QT prolongation: baseline and periodic ECG monitoring recommended, particularly in patients on other QT-prolonging drugs. Cardiovascular events: FDA/EMA warning — increased risk of MI, sudden cardiac death, and stroke with GnRH agonists. Screen and optimise CV risk factors before starting.

10  Frequently asked questions

Will I lose my sex drive permanently?

Libido is suppressed while your testosterone levels are low during treatment. If treatment is eventually stopped, testosterone levels typically recover — though this takes several months and is not guaranteed in all patients, especially after long-term therapy.

What about my bones?

Long-term testosterone suppression reduces bone mineral density (osteoporosis). Calcium (1000–1200 mg/day) and vitamin D (800–1000 IU/day) supplements are important. A bone density scan (DEXA) is recommended at baseline and every 1–2 years.
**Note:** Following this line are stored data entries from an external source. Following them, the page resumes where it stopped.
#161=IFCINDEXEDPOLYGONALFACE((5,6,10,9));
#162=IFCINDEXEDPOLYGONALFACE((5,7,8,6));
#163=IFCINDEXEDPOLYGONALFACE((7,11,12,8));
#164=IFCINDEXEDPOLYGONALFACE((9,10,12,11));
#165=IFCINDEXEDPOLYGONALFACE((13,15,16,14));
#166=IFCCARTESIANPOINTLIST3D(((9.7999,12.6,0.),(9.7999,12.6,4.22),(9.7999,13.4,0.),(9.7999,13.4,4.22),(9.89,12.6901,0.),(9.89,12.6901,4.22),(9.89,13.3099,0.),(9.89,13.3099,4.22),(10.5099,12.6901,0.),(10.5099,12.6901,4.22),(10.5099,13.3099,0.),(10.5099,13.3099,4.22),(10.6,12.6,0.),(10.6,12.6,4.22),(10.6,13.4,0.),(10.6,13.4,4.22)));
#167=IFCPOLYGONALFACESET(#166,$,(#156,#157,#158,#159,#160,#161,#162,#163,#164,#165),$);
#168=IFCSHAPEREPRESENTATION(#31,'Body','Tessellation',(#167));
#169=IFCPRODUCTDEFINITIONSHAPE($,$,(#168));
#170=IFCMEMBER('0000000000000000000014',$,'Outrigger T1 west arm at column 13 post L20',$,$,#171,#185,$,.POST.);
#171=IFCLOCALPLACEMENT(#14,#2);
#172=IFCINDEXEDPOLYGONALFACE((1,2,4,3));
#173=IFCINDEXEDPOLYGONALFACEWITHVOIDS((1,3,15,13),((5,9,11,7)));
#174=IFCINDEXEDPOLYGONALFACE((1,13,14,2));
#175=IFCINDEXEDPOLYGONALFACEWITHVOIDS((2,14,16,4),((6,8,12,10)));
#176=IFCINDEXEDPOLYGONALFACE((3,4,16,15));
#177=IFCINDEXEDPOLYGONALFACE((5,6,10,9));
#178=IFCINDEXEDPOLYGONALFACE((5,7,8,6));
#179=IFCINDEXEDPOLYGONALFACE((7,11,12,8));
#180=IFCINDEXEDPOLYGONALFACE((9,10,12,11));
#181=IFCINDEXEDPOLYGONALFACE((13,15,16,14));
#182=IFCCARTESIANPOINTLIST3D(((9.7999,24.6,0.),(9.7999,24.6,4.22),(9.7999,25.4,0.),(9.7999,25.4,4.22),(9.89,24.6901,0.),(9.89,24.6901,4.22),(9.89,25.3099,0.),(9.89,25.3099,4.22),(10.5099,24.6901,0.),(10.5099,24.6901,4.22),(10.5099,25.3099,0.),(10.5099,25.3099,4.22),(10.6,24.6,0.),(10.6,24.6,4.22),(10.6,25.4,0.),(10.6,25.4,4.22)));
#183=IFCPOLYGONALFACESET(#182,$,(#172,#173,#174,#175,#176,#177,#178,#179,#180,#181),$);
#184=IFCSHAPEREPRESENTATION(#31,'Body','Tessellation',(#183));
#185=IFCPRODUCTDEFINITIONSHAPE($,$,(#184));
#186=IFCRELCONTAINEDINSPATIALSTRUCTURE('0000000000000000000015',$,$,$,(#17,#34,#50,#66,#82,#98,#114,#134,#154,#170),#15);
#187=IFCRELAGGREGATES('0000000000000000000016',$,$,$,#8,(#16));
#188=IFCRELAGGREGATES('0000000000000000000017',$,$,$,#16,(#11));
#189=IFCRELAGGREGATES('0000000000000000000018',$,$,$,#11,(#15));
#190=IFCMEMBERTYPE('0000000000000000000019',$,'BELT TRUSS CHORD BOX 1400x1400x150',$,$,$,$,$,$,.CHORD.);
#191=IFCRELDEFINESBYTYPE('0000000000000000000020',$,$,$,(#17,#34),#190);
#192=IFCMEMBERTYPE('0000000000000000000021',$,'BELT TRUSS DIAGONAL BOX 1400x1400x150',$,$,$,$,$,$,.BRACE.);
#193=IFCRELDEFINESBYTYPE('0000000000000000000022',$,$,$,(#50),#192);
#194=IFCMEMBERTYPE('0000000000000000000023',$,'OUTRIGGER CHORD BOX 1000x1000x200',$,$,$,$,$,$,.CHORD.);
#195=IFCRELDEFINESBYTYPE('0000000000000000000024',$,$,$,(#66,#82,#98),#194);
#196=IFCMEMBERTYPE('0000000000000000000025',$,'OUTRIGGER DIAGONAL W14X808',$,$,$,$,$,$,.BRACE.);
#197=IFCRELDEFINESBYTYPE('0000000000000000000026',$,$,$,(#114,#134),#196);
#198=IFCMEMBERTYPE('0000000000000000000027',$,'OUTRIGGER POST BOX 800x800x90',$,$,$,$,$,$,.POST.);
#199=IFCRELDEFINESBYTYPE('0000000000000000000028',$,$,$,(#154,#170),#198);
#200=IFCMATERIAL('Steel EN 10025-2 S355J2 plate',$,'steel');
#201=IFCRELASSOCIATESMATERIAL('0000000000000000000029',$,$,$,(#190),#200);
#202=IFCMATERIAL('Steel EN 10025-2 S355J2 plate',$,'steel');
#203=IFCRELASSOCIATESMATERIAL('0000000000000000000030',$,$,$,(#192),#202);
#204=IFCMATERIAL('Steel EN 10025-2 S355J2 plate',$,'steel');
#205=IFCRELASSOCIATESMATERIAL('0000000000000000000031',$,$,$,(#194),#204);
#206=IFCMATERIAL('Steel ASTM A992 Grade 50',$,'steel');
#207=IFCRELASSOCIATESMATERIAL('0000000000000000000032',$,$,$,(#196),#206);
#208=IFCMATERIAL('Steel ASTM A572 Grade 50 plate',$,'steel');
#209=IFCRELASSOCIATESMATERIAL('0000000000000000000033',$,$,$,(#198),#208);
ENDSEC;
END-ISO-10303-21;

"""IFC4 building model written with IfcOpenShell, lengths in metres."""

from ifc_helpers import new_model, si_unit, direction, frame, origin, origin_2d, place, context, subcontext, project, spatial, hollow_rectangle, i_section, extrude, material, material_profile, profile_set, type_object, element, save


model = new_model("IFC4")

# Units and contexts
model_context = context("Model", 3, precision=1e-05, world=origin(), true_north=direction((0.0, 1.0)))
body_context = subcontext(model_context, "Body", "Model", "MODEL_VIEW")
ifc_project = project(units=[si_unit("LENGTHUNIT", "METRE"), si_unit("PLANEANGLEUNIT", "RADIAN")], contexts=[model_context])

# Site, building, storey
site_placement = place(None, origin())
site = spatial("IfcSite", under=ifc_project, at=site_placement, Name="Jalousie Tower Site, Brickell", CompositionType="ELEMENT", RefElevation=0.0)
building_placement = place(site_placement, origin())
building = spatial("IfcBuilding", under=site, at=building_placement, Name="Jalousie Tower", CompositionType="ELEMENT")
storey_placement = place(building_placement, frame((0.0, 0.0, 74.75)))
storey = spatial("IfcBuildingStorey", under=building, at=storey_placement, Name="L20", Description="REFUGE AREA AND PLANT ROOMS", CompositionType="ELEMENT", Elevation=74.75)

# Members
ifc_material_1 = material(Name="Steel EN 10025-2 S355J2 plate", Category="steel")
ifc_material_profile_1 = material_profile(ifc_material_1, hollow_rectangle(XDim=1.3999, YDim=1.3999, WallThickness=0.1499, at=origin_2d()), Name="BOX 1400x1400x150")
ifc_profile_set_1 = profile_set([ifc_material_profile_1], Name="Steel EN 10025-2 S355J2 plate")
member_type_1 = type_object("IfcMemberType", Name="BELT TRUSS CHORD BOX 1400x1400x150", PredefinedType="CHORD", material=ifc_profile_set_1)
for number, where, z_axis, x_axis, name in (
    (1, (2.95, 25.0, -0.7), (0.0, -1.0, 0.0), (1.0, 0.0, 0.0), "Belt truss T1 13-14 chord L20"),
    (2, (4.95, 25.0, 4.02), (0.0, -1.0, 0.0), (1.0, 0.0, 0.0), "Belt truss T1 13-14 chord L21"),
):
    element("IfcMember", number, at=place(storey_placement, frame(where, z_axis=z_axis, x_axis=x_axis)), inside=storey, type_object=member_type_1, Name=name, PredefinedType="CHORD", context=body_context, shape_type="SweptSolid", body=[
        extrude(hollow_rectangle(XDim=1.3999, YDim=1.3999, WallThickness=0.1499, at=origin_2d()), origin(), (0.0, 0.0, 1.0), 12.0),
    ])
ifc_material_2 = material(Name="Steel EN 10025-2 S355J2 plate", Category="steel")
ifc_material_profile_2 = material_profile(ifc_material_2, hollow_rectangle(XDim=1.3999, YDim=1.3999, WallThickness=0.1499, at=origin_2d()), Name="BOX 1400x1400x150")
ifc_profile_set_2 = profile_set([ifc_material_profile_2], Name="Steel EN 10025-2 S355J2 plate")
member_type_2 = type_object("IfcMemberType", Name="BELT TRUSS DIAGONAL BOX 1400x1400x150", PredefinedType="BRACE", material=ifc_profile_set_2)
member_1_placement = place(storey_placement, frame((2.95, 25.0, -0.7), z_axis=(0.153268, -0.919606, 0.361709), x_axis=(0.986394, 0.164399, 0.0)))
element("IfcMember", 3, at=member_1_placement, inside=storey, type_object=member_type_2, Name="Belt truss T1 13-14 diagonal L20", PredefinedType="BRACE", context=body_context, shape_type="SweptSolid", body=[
Can leuprolide affect my heart?

There is evidence that androgen deprivation therapy modestly increases cardiovascular risk over time. Regular monitoring of blood pressure, blood glucose, and cholesterol is important. Report any chest pain, shortness of breath, or palpitations immediately.

What is the difference between this and tablets like relugolix?

Luprodex is an injection given every 3 months. Relugolix (Orgovyx) is an oral daily tablet. Both reduce testosterone but work differently: leuprolide is a GnRH agonist (initial flare then suppression); relugolix is a GnRH antagonist (immediate suppression, no flare). Your urologist/oncologist will choose the most appropriate option.

Can I still drive and work normally?

Yes, in general. Fatigue and mood changes may affect some patients. Discuss any specific occupational concerns with your doctor.